Maurie Walter
- Full name: Maurice Winn Walter
- Date of birth: 4 January 1888
- Place of birth: Yokohama, Japan
- Date of death: 3 September 1910 (aged 22)
- Place of death: Worplesdon, Surrey, England
- School: Merchiston Castle School

Rugby union career
- Position(s): Centre

International career
- Years: Team / Apps / (Points)
- 1906–10: Scotland / 8 / (6)

= Maurie Walter =

Maurice Winn Walter (4 January 1888 — 3 September 1910) was a Scottish international rugby union player.

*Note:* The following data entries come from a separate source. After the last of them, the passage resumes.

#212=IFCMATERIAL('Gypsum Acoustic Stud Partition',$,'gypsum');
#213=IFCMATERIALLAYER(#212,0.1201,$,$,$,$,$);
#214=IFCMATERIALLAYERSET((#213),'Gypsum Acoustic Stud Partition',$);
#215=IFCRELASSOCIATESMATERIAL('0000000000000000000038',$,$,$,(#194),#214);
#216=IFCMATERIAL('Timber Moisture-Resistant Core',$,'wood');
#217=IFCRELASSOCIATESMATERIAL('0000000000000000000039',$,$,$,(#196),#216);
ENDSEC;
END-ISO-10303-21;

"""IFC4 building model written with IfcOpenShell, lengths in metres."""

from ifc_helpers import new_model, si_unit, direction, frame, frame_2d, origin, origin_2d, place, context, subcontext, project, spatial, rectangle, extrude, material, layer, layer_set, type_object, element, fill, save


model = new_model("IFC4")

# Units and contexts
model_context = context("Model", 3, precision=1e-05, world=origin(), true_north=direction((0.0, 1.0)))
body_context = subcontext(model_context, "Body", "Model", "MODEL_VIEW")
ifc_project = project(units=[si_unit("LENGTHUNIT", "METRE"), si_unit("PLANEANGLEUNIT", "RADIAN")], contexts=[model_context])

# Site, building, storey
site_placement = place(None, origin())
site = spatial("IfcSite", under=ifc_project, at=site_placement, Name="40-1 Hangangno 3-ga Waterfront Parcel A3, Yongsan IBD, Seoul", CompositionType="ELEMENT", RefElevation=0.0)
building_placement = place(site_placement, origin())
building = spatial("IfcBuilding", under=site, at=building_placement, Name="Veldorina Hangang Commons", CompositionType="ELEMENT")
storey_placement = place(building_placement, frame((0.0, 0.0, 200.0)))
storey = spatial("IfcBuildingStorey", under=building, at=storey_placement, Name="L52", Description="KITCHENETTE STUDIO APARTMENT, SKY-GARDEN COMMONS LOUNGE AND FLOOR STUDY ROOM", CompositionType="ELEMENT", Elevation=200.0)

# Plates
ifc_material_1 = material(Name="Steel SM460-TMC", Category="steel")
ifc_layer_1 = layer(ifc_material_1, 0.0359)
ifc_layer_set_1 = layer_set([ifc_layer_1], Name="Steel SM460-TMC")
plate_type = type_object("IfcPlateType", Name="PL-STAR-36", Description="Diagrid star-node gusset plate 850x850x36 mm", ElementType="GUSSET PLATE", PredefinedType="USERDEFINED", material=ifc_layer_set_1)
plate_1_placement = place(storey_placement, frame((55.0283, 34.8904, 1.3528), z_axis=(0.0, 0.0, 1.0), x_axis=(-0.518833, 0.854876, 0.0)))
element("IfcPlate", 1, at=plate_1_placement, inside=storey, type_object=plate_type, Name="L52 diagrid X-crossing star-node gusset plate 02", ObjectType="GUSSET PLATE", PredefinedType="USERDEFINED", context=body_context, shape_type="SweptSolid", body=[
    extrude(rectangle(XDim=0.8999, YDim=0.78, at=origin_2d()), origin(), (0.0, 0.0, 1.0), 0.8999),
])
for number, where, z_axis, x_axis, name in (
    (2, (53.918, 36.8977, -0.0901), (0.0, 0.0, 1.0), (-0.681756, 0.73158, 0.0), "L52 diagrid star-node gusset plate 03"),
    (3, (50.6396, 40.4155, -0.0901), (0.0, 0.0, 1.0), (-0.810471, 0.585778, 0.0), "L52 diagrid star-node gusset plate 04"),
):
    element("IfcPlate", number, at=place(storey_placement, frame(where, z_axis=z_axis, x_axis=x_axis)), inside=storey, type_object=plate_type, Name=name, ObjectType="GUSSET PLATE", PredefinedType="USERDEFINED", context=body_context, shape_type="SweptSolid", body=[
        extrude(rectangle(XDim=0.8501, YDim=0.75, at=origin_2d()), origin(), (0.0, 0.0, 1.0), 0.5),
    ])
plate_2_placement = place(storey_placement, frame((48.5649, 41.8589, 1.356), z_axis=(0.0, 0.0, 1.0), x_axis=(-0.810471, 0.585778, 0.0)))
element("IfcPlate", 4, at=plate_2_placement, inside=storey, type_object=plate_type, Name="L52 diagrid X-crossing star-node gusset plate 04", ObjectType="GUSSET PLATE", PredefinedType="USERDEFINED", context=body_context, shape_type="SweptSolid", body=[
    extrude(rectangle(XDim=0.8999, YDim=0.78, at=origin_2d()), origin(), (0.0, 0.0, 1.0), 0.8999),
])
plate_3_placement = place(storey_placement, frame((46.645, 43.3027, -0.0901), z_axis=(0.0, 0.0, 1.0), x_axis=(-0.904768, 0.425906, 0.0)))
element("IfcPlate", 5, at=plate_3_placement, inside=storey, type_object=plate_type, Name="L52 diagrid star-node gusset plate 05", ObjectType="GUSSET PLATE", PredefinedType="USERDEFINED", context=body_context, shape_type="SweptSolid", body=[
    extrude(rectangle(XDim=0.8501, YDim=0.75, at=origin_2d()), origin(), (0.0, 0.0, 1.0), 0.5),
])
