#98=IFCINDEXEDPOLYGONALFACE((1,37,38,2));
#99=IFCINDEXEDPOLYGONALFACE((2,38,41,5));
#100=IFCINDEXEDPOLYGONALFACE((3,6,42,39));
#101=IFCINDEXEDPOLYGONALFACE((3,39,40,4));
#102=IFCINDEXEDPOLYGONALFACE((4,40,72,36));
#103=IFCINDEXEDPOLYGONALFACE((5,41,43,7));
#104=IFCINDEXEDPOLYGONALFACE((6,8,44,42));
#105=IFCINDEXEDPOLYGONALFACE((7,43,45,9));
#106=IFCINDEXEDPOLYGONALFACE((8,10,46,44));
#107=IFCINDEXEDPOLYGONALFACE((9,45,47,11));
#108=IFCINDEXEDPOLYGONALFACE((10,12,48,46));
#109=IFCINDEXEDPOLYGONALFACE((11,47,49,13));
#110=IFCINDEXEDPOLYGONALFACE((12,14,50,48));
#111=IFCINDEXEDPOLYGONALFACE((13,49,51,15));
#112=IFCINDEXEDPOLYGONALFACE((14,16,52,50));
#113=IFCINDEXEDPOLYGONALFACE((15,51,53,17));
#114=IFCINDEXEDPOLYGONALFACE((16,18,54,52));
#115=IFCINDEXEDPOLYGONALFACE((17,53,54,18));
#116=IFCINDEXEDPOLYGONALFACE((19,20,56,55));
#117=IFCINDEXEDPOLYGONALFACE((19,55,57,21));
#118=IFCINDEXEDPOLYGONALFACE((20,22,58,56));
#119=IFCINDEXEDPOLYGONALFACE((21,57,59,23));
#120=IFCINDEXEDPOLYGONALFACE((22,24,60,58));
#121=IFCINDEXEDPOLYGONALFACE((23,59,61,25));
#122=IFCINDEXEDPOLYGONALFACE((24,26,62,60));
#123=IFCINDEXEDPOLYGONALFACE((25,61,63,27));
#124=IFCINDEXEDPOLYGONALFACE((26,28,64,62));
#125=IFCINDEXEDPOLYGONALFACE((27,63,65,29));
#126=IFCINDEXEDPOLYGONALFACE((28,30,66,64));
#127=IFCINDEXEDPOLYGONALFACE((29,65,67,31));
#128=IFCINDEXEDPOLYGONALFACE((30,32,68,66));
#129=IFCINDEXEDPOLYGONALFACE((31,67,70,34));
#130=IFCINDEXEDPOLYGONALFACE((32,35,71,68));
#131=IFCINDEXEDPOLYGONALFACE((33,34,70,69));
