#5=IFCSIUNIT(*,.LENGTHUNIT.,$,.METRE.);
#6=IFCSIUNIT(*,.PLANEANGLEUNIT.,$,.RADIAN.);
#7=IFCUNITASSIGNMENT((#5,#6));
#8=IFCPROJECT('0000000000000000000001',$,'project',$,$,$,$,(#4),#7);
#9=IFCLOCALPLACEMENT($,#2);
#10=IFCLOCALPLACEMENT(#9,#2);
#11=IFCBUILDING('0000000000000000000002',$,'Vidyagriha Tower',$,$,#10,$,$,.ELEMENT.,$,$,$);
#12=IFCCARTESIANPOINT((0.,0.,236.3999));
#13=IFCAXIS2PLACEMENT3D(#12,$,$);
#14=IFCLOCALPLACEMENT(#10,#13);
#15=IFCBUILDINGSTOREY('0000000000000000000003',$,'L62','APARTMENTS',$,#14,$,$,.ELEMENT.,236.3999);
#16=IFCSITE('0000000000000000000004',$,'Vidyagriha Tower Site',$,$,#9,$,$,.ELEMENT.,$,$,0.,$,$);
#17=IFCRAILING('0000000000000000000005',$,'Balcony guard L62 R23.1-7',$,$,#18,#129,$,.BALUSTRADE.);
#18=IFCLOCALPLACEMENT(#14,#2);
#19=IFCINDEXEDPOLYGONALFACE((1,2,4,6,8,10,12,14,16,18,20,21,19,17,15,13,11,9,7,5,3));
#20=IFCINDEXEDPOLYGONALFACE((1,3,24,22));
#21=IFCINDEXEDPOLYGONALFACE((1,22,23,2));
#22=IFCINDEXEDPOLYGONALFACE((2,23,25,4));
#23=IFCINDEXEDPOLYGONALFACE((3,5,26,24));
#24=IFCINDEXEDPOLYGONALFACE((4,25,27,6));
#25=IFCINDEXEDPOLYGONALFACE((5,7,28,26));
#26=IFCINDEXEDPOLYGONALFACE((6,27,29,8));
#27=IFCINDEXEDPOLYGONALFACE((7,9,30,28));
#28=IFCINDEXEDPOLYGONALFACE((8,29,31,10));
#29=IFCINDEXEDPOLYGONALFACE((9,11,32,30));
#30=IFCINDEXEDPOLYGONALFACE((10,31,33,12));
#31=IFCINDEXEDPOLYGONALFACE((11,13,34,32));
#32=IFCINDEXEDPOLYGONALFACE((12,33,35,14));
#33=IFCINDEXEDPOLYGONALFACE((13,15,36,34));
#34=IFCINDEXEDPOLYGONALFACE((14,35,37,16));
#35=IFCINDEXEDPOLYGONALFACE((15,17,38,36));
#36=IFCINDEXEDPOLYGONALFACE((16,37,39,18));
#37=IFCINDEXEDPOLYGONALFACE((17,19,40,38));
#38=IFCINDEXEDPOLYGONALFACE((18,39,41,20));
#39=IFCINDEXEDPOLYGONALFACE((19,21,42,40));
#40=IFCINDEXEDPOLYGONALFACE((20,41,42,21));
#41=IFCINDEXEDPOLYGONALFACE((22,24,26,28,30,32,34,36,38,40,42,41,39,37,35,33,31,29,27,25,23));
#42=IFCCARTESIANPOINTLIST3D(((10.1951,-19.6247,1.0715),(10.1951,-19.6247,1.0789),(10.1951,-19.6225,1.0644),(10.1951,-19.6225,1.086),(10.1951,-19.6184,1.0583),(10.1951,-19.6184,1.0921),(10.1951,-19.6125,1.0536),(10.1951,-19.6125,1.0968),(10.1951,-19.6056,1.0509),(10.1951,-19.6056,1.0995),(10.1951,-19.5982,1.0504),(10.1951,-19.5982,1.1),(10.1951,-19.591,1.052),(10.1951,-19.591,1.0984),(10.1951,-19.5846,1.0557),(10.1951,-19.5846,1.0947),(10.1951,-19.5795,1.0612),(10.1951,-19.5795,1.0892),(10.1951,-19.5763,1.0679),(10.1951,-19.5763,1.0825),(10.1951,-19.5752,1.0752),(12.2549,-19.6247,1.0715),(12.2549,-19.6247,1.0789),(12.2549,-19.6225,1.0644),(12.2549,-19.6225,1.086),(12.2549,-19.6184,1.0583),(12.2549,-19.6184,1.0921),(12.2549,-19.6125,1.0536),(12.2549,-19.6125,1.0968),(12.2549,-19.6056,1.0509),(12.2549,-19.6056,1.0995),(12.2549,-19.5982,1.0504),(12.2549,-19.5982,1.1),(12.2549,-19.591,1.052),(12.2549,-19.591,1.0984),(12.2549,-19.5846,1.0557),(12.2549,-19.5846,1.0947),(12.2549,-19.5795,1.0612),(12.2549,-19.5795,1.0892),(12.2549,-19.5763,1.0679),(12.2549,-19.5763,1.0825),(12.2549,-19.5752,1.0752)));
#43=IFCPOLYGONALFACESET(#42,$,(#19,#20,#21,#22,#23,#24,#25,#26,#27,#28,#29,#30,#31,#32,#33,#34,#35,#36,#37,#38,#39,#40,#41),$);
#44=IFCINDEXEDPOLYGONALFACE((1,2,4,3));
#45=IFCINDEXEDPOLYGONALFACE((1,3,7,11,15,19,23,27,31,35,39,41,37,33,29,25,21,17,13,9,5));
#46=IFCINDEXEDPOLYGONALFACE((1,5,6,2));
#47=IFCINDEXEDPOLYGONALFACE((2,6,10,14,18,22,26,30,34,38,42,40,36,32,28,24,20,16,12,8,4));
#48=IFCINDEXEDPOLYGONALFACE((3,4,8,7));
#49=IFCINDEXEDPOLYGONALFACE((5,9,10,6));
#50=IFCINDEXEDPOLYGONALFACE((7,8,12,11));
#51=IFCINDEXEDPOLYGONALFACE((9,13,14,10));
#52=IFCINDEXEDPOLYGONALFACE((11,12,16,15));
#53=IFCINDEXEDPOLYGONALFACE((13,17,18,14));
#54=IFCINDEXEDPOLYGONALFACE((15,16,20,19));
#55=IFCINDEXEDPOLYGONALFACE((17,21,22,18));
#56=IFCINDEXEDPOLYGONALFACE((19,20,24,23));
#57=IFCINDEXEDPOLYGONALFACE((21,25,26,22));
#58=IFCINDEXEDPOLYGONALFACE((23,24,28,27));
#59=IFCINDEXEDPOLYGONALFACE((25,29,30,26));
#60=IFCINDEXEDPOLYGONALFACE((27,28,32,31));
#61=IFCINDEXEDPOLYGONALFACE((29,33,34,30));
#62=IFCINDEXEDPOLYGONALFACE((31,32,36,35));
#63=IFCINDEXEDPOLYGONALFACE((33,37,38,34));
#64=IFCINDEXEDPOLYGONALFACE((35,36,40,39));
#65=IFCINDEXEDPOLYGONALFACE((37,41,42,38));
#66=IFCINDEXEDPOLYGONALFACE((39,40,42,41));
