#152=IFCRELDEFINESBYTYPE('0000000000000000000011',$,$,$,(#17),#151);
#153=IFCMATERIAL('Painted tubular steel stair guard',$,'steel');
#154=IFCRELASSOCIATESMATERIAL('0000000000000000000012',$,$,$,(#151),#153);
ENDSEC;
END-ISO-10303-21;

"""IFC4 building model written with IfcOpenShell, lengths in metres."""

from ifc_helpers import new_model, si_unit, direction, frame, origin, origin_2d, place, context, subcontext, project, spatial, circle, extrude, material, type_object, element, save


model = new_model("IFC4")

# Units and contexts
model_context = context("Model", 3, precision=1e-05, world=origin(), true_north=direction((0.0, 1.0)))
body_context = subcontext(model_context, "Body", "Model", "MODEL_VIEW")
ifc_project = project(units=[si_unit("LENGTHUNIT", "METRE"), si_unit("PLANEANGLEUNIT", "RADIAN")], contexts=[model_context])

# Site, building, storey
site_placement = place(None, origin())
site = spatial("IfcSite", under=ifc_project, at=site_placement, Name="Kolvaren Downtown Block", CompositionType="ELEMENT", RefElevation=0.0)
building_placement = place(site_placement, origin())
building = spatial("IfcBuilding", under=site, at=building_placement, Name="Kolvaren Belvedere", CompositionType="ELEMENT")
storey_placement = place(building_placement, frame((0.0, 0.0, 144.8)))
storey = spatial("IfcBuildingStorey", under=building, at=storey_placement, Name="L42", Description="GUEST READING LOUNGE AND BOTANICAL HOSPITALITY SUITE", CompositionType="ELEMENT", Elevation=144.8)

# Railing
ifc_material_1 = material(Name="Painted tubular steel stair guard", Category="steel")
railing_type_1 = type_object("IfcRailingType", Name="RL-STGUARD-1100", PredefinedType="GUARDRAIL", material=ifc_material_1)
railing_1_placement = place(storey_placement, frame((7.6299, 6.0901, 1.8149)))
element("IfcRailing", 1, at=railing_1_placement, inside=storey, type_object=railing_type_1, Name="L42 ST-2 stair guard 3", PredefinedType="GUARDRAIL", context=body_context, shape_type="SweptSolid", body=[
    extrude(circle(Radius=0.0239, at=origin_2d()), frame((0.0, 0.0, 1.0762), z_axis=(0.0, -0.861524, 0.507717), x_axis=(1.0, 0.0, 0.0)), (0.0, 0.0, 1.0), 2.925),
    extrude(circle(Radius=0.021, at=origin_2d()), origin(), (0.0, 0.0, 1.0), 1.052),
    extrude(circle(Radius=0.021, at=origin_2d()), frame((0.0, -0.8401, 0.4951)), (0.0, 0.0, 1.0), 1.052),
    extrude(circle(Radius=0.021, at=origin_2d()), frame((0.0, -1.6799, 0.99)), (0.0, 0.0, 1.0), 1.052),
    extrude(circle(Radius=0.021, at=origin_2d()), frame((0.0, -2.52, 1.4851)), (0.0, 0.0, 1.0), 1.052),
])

Walter was born to British expatriates in Yokohama, Japan, and attended Merchiston Castle School in Edinburgh.

A centre, Walter played for London Scottish, often in partnership with national teammate Alex Purves. He made his debut for Scotland in the 1906 Home Nations, having declined an offer earlier in the tournament to represent England. His most notable contribution came in the last of his eight caps, a two-try performance to help defeat Ireland at Belfast.

Walter died of meningitis at his Worplesdon home in 1910, at the age of 22. He worked for the Hong Kong and Shanghai Banking Corporation in London and after playing a cricket match for his bank's XI began to well unwell and his condition worsened in the following days, developing into cerebral meningitis.